Shanghai with its mixture of races, with its national antipathies and jealousies, is indeed one of the most attractive but strangest towns in the whole world. Every race meets there; and as one wanders down the Nanking road, one never tires of watching the nationalities which throng that thoroughfare. There walks a tall bearded Russian, a fat German, jostling perhaps a tiny Japanese officer, whose whole air shows that he regards himself as a member of the conquering race that has checkmated the vast power of Europe; there are sleek Chinese in Western carriages, and there are thin Americans in Eastern rickshas; the motor cycle rushes past, nearly colliding with a closely-curtained chair bearing a Chinese lady of rank, or a splendid Indian in a yellow silk coat is struck in the face by the hat of a Frenchman, who finds the pavements of Shanghai too narrow for his sweeping salute; one hears guttural German alternating with Cockney slang; Parisian toilettes are seen next half-naked coolies; a couple of sailors on a tandem cycle almost upset two Japanese beauties as they shuffle along with their toes turned in; a grey gowned Buddhist priest elbows a bearded Roman missionary; a Russian shop where patriotism rather than love of gain induces the owners to conceal the nature of their wares by employing the Russian alphabet overhead, stands opposite a Japanese shop which, in not too perfect English, assures the wide world that their heads can be cut cheaply; an English lady looks askance at the tightness of her Chinese sister's nether garments, while the Chinese sister wonders how the white race can tolerate the indecency that allows a woman to show her shape and wear transparent sleeves.

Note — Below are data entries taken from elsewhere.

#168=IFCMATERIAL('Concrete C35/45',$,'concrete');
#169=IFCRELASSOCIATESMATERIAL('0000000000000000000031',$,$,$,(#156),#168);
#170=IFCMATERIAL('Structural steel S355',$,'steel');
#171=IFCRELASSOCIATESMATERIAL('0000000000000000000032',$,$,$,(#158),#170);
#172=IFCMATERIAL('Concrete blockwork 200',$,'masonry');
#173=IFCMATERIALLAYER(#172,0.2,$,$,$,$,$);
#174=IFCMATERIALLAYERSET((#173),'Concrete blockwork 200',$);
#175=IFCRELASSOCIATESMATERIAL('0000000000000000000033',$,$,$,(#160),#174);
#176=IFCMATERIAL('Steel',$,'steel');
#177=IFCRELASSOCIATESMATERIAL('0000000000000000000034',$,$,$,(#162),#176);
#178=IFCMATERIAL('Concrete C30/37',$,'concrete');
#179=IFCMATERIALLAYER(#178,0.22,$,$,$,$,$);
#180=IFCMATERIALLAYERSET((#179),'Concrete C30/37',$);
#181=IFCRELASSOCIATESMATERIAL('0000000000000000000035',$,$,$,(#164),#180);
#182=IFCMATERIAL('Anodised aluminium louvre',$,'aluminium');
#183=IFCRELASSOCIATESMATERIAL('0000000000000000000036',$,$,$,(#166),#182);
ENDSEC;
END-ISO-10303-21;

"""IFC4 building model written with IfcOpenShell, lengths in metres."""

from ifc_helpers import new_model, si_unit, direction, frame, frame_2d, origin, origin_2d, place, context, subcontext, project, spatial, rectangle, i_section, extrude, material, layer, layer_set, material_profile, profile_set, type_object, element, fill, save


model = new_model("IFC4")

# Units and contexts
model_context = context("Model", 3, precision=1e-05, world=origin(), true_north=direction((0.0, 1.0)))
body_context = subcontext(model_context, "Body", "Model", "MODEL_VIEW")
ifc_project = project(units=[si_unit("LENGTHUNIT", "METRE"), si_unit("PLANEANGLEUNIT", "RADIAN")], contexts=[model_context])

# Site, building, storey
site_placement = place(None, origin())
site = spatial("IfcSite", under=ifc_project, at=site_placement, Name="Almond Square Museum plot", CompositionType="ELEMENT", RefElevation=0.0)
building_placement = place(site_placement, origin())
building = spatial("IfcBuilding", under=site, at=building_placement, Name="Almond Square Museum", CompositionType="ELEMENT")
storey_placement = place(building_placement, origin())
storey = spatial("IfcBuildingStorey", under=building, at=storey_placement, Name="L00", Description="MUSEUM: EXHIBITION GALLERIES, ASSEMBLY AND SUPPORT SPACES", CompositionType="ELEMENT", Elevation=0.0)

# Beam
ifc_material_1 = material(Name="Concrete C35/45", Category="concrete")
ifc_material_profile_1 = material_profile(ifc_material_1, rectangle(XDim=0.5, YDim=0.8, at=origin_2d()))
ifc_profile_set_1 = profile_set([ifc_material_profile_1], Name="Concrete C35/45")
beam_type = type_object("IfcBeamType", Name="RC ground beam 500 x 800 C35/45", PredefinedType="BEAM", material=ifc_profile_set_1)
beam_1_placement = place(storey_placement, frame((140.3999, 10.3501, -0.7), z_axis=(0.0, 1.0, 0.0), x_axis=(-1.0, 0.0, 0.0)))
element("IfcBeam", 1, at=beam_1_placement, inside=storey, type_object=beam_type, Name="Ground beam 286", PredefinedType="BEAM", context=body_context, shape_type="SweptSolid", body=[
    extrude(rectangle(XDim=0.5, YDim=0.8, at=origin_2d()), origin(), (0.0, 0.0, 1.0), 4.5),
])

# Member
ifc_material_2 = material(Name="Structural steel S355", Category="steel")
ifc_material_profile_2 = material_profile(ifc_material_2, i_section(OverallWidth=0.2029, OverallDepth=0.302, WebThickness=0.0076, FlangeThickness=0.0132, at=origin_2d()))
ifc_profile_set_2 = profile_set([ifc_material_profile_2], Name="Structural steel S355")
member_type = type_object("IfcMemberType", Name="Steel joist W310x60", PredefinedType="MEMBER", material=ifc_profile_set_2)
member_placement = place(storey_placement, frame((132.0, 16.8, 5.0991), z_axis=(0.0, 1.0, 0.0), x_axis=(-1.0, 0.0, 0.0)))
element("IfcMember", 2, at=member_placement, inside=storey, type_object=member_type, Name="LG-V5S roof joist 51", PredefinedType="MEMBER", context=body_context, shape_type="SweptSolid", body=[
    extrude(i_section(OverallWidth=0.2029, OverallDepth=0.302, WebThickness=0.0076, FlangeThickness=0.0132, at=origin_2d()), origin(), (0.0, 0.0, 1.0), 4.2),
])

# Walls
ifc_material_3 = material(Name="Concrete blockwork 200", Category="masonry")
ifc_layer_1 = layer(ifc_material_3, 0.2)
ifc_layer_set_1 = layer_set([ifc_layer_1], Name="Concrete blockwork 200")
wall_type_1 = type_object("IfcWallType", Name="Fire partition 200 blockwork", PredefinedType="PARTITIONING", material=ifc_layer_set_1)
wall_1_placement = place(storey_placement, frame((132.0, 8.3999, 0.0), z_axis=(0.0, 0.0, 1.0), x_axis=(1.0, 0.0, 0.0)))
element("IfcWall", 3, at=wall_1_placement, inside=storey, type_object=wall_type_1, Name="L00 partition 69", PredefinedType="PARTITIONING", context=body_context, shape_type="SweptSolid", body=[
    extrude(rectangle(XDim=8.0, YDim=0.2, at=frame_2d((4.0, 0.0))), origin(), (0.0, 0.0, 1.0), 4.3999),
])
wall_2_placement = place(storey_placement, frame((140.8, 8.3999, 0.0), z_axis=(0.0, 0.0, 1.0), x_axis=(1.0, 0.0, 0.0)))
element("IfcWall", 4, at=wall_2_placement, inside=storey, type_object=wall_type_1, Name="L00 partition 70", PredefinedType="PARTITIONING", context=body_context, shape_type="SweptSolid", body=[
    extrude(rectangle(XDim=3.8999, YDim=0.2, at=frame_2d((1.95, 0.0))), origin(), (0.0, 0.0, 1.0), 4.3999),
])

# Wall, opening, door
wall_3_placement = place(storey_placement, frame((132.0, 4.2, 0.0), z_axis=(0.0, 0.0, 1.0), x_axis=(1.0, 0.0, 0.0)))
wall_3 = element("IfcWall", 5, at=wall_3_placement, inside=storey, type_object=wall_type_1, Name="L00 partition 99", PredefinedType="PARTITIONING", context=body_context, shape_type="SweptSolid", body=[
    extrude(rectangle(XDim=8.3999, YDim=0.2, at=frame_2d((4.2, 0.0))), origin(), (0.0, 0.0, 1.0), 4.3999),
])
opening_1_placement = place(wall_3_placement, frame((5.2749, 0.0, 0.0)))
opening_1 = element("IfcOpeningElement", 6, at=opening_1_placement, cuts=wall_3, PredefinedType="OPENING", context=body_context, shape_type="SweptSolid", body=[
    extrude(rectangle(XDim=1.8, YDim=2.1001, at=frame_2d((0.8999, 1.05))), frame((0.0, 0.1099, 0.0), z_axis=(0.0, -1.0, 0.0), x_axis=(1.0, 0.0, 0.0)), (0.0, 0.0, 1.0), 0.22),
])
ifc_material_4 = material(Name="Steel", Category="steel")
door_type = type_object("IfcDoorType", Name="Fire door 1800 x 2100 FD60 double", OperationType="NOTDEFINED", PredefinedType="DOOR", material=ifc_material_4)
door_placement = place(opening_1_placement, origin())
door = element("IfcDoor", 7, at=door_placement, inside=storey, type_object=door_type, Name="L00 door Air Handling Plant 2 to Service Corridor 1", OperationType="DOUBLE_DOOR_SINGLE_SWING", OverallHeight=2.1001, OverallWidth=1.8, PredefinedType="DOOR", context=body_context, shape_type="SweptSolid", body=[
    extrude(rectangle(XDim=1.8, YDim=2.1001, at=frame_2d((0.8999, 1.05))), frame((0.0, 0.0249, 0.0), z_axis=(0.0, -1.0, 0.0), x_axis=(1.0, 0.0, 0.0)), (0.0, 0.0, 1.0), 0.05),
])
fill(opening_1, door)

Yes, Shanghai on a spring afternoon is a most interesting place; and yet as you turn your eyes to the river and catch sight of the dark grey warship, you realise that beneath all this peace and busy commerce lies the fear of the grim realities of war. China may assimilate the adjuncts of Western life, but she will never welcome the Western. The racial gulf that divides them is far too deep. It may be temporarily bridged by the heroism of a missionary; the enthusiasm of Christianity may make those who embrace it brothers; but the feeling of love will not extend one inch beyond the influence of religion; and those who ponder on the future as they watch the many-hued crowd that passes must grow more and more sure that the future of China lies with the Chinese alone; and however much as a race they may be willing to learn from the West, they will as a race be led only by their own people. The Westerner may be employed; Western teaching may be learnt; Western garments may be worn; but, as a Chinese professor said, "The wearer will be a Chinaman all the same."